At 16, a neighbor asked to use their phone (father at work and just she and her mother at home). The mother (being way too trusting) allowed him inside (this was way before cellphones). At some point, he tells the mother to give him her wedding ring. When she refused, he told her that he'd cut her finger off if she didn't. She gave him the ring. Before leaving, he made the 16 year old (my later girlfriend) go down on him. I don't know if the mother was in the same room, but either way, it was traumatic.

She graduated at 17. I was 21 and had my own place. That summer, some friends brought over a few friends (she was one of them). Her best friend later told me the details. I took her out for over two months before the first lay. I never pressured her or even brought up the aspect of her going down on me. It was somewhere around eight or nine months, that she'd 'dry' go down on me (basically her cheek and lips sliding on my clothed body) . We could be watching a movie and making out (both clothed) and this occurred several times for about a month. Then... one night, she voluntarily did the deed.

Again, the above situation is not a time-frame on what you should expect. I share the above for you (or anyone else reading) to have an idea of things.

My suggestion (and I can expect some flack from some members here ... but like I care about a stranger on sosuave) is to provide an atmosphere that will have zero reminder of her bad experience. If she likes candles, light them up, if she likes certain soft music, put it on. Give her loads of foreplay before hand.

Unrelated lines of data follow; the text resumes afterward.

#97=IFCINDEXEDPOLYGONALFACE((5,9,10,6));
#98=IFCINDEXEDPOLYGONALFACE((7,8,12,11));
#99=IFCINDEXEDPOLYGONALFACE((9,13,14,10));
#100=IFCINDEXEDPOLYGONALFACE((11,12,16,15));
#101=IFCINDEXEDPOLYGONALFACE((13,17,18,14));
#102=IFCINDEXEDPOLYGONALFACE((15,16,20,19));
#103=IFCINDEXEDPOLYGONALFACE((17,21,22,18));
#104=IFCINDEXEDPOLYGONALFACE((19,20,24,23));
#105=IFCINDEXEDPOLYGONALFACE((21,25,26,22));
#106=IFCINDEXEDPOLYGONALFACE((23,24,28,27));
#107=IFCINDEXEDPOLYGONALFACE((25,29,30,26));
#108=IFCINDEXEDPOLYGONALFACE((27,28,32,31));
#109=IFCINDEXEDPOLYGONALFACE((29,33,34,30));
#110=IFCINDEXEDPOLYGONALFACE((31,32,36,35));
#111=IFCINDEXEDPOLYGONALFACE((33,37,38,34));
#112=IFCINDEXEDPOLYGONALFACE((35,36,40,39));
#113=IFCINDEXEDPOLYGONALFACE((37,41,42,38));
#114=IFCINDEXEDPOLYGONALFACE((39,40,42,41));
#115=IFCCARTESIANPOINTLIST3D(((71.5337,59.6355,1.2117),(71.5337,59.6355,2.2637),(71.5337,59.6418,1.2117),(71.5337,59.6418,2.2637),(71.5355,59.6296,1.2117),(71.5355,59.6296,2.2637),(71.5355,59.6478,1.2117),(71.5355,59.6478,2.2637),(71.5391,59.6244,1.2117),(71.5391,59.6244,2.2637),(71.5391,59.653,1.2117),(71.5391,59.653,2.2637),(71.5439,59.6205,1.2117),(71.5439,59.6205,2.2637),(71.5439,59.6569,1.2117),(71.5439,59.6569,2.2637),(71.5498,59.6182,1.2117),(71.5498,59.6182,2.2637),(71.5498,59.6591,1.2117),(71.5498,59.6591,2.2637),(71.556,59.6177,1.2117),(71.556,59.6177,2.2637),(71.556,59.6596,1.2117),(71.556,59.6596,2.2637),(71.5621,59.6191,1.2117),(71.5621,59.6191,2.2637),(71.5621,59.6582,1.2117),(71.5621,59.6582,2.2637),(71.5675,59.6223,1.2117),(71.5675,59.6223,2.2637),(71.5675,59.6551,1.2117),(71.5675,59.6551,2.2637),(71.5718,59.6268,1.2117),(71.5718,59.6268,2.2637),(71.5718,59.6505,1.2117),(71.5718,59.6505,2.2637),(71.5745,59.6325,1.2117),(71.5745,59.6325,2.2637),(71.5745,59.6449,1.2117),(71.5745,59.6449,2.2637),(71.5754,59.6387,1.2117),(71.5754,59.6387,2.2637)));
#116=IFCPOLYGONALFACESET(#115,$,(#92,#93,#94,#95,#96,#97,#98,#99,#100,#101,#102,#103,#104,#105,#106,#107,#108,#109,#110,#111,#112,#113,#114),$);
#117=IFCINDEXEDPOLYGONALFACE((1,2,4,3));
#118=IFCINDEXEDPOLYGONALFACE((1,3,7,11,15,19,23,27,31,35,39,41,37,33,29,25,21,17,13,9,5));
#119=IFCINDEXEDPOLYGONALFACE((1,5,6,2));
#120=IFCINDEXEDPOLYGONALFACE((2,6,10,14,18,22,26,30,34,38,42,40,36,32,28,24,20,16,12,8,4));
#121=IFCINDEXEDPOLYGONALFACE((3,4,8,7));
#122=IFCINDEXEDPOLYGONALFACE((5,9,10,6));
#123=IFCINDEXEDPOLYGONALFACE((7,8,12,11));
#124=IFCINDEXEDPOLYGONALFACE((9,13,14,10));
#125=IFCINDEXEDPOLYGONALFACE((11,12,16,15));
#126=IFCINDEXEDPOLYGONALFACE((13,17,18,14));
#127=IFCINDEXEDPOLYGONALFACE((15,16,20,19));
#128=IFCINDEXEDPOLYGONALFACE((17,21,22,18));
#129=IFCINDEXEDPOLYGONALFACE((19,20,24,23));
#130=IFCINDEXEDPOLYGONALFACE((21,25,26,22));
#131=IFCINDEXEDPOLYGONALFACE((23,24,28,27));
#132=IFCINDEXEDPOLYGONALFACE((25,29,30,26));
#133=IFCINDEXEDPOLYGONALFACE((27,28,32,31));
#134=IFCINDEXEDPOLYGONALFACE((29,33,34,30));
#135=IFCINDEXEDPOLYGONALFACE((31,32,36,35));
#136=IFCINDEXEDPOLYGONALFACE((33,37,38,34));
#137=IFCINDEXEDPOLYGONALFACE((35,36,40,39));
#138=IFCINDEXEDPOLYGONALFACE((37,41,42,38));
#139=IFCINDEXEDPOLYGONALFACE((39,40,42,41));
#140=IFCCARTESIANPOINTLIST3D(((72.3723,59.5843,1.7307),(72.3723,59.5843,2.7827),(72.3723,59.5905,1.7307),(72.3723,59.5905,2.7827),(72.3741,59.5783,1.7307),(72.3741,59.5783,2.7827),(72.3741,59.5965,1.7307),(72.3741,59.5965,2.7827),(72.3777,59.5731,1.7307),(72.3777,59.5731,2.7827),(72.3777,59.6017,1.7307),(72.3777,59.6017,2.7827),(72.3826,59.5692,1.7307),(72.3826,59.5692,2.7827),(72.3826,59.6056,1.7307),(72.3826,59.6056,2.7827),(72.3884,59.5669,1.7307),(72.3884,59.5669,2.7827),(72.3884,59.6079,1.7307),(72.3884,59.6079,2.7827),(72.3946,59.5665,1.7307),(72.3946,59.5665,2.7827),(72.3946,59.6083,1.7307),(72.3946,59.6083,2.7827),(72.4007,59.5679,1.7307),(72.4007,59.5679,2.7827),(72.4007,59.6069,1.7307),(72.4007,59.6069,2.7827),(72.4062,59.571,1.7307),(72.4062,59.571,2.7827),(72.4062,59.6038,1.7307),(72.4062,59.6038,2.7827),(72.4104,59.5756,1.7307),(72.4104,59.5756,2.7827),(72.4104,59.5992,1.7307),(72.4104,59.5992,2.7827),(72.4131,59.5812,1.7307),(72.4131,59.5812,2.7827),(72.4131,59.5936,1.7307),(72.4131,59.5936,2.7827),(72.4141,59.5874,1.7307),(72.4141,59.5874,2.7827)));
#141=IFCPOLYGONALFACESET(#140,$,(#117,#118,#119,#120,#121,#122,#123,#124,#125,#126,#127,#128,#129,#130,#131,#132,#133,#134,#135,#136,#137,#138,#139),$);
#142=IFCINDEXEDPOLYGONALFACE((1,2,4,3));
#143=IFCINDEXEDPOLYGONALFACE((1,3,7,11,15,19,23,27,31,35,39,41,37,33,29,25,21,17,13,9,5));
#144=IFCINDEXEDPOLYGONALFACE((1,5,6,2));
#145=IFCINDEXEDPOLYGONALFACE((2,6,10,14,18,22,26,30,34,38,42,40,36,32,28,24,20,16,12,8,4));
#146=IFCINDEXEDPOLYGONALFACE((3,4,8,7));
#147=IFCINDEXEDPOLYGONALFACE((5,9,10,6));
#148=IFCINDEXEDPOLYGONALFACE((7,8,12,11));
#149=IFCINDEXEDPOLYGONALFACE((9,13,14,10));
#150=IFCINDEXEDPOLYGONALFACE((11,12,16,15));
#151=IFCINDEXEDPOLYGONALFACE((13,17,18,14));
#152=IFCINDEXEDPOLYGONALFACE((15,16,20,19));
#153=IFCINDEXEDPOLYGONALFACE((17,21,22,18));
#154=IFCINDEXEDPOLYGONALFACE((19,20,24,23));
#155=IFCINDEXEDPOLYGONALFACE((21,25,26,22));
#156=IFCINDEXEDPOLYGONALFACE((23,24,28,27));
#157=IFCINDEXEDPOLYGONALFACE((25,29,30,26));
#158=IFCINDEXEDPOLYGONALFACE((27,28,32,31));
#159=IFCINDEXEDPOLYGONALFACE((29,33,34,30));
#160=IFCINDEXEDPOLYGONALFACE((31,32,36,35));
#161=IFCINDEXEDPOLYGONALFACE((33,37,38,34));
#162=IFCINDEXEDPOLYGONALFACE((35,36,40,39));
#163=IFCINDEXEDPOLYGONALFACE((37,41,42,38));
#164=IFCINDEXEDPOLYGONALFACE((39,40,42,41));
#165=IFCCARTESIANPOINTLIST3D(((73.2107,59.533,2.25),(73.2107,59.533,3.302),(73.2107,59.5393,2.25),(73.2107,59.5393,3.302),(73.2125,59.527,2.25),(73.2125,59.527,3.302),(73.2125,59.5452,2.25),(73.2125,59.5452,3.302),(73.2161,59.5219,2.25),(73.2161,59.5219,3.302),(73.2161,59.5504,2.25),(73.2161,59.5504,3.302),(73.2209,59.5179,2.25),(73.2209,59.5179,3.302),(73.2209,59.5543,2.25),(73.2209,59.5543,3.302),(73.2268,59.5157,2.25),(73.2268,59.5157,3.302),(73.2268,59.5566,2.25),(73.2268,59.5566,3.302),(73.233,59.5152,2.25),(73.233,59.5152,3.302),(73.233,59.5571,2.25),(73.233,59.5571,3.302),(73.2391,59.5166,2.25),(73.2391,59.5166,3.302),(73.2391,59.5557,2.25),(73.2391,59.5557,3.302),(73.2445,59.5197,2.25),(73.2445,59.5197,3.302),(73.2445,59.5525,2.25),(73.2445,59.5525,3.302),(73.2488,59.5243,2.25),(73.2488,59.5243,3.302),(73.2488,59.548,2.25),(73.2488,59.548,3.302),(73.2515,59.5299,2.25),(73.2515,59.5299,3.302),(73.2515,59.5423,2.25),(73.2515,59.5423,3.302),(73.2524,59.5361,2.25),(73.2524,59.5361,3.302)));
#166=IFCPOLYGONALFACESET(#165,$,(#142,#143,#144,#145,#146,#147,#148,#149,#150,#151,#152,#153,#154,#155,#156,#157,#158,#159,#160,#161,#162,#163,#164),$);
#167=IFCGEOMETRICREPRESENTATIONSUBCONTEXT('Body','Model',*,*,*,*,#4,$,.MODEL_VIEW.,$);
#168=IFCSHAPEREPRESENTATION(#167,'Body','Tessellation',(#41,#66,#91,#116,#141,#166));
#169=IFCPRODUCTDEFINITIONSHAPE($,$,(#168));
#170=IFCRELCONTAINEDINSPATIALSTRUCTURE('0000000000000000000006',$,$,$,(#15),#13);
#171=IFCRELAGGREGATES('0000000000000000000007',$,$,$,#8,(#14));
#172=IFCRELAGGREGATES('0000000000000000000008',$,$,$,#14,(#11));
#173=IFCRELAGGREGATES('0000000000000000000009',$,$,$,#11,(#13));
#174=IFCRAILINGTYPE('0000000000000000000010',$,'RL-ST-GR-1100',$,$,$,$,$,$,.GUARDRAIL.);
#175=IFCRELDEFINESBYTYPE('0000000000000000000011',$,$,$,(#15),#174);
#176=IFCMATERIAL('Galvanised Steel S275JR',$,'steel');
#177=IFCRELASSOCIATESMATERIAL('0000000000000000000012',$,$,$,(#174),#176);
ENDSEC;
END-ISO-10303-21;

If it still doesn't work, don't act butt-hurt and make a scene. If you react negatively, you'll re-awaken some bad thoughts in her (she'll look at it as you conning her and with only one motivation in mind). Instead, just continue at her comfort level. Your situation is a hell of a lot different than a woman being a pr!ck tease.

This might improve things for you and then again, it might not. I know it's frustrating. I dated a girl that went through this. Ordinarily, I'm not one to advocate cutting women too much slack. This is different. Your girl hasn't lived an "ordinary" life. Treat her more like the exception - rather than the rule.